The company, Russia’s second-largest steelmaker, is “working on” pipe orders for 2010 in North America that may prompt the restart of Evraz’s 200,000-ton-a-year factory in Portland, Oregon, Senior Vice President Pavel Tatyanin, who oversees the company’s businesses outside Russia, said in an interview. The facility was idled in July.

“Our South African steel mill is currently operating at the highest capacity in 10 years,” Tatyanin said. Evraz’s Italian steel-plate mill has been working at full capacity since May and has sold all its November output, he added.

The collapse in commodity prices in the past year has left Evraz posting a first-half net loss while holding $8.5 billion of debt that it amassed buying steel plants in the U.S., Europe and Africa.

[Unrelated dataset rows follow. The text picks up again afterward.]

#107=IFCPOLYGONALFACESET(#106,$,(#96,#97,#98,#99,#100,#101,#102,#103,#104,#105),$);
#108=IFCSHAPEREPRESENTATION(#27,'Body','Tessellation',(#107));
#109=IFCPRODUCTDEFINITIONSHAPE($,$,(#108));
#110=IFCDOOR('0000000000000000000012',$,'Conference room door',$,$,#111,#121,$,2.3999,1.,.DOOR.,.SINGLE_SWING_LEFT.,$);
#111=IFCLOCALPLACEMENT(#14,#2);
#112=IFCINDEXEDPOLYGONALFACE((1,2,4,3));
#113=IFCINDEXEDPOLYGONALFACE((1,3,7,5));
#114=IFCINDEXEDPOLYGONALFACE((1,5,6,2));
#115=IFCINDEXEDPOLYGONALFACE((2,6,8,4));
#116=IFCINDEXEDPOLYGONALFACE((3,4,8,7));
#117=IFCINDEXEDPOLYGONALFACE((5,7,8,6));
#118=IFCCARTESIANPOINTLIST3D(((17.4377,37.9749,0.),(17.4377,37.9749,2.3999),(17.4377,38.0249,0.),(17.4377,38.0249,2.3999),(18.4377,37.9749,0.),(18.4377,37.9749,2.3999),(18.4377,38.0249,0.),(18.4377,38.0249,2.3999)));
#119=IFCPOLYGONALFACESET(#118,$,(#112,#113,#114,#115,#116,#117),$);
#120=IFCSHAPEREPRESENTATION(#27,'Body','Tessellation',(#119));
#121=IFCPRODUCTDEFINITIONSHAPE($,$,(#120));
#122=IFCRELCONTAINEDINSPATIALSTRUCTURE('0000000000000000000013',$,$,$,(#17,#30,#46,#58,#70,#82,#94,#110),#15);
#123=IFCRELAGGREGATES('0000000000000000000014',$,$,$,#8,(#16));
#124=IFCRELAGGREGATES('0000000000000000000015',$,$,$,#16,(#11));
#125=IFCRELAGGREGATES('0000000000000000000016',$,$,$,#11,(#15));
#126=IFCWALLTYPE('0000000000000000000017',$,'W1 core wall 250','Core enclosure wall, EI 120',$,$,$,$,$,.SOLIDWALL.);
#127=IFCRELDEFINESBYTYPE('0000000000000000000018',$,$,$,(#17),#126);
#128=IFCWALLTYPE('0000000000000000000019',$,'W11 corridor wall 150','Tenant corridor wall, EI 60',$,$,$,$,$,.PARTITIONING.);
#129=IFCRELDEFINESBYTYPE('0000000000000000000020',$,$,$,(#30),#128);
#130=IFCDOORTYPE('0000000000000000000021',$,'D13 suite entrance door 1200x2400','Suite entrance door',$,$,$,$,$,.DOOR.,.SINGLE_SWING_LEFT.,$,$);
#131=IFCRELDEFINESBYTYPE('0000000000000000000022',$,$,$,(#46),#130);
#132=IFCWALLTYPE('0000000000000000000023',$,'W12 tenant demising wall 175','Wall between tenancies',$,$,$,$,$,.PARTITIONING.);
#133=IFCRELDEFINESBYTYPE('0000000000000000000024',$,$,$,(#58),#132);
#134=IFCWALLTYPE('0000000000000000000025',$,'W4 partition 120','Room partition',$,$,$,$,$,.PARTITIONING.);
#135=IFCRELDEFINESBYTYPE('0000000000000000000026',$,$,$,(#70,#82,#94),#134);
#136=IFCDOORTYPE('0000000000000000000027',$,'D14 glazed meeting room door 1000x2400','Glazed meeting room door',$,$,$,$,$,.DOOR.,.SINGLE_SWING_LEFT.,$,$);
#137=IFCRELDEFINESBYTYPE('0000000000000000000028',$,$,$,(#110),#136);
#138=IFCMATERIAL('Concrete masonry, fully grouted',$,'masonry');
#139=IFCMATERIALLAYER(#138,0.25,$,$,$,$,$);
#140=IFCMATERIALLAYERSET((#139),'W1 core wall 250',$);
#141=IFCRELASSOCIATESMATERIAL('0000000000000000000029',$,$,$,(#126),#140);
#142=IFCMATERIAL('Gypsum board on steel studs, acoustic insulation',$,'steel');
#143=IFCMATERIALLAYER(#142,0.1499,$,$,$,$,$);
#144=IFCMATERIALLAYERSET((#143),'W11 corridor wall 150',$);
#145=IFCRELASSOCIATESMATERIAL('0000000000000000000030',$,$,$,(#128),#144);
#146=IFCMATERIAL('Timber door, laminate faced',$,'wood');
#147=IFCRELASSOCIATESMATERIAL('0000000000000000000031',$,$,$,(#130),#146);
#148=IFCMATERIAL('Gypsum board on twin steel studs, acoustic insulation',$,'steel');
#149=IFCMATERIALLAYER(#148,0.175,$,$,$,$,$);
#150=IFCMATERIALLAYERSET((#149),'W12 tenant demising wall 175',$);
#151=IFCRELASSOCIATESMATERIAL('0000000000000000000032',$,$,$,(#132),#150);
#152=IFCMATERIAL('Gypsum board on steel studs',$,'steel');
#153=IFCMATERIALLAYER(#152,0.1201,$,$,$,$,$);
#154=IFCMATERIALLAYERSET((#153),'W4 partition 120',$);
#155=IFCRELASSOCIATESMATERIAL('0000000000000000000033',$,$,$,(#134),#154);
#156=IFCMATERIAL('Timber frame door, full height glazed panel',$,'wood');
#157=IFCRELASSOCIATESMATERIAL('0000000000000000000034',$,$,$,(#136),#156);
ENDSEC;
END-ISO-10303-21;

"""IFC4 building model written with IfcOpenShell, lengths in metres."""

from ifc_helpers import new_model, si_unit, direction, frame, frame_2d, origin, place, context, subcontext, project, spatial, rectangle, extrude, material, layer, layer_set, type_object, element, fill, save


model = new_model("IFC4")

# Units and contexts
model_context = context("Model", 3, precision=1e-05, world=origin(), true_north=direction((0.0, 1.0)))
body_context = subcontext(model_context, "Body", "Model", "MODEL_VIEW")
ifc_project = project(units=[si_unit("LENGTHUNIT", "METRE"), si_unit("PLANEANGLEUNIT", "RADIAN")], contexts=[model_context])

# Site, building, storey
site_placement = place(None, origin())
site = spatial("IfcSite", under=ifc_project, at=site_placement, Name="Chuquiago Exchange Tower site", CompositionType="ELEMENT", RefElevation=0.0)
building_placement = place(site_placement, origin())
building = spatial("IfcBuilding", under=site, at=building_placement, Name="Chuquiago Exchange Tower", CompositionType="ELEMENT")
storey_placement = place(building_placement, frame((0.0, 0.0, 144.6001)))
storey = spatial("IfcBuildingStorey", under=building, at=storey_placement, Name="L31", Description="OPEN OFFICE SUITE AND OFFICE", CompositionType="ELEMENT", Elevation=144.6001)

Evraz may have to renegotiate terms with lenders, Standard & Poor’s said last month.

Demand for vanadium, which Evraz produces in South Africa and the U.S., will probably grow faster than steel as emerging economies buy more of the steel additive, Tatyanin said Oct. 28 in Moscow, where the company is based. Foreign operations make up about 75 percent of Evraz’s revenue, he said.

‘V-Shaped Recovery’

The recovery in global demand “will not be V-shaped, it will be slow and gradual,” Tatyanin said. “We expect to show moderate production growth in some regions” in the fourth quarter, he said.

Evraz wrote down the value of its assets by $880 million last year and posted a first-half loss of $987 million. Demand is still weaker in the Czech Republic, where Evraz has its Vitkovice unit, Tatyanin said.

The cost of hot-rolled coil, a benchmark steel product used in cars and construction, gained 16 percent in the third quarter, the steepest increase in more than a year, according to data compiled by Metal Bulletin. Coil in Europe, which now fetches 395 euros ($581) a metric ton, is 41 percent lower than a year ago. U.S. prices fell 35 percent.

There is concern in the steel market that China, the world’s largest steel producer, may raise exports and depress global prices, said Boris Krasnojenov, an analyst at Renaissance Capital in Moscow. Tatyanin says that’s not a concern.

“China has high-cost steel production as it relies on imports of raw materials,” he added. “China has no reason to export its steel below the cash costs.”

Evraz fell 19 cents, or 0.7 percent, to $25.56 a depository receipt as of 8:46 a.m. in London trading.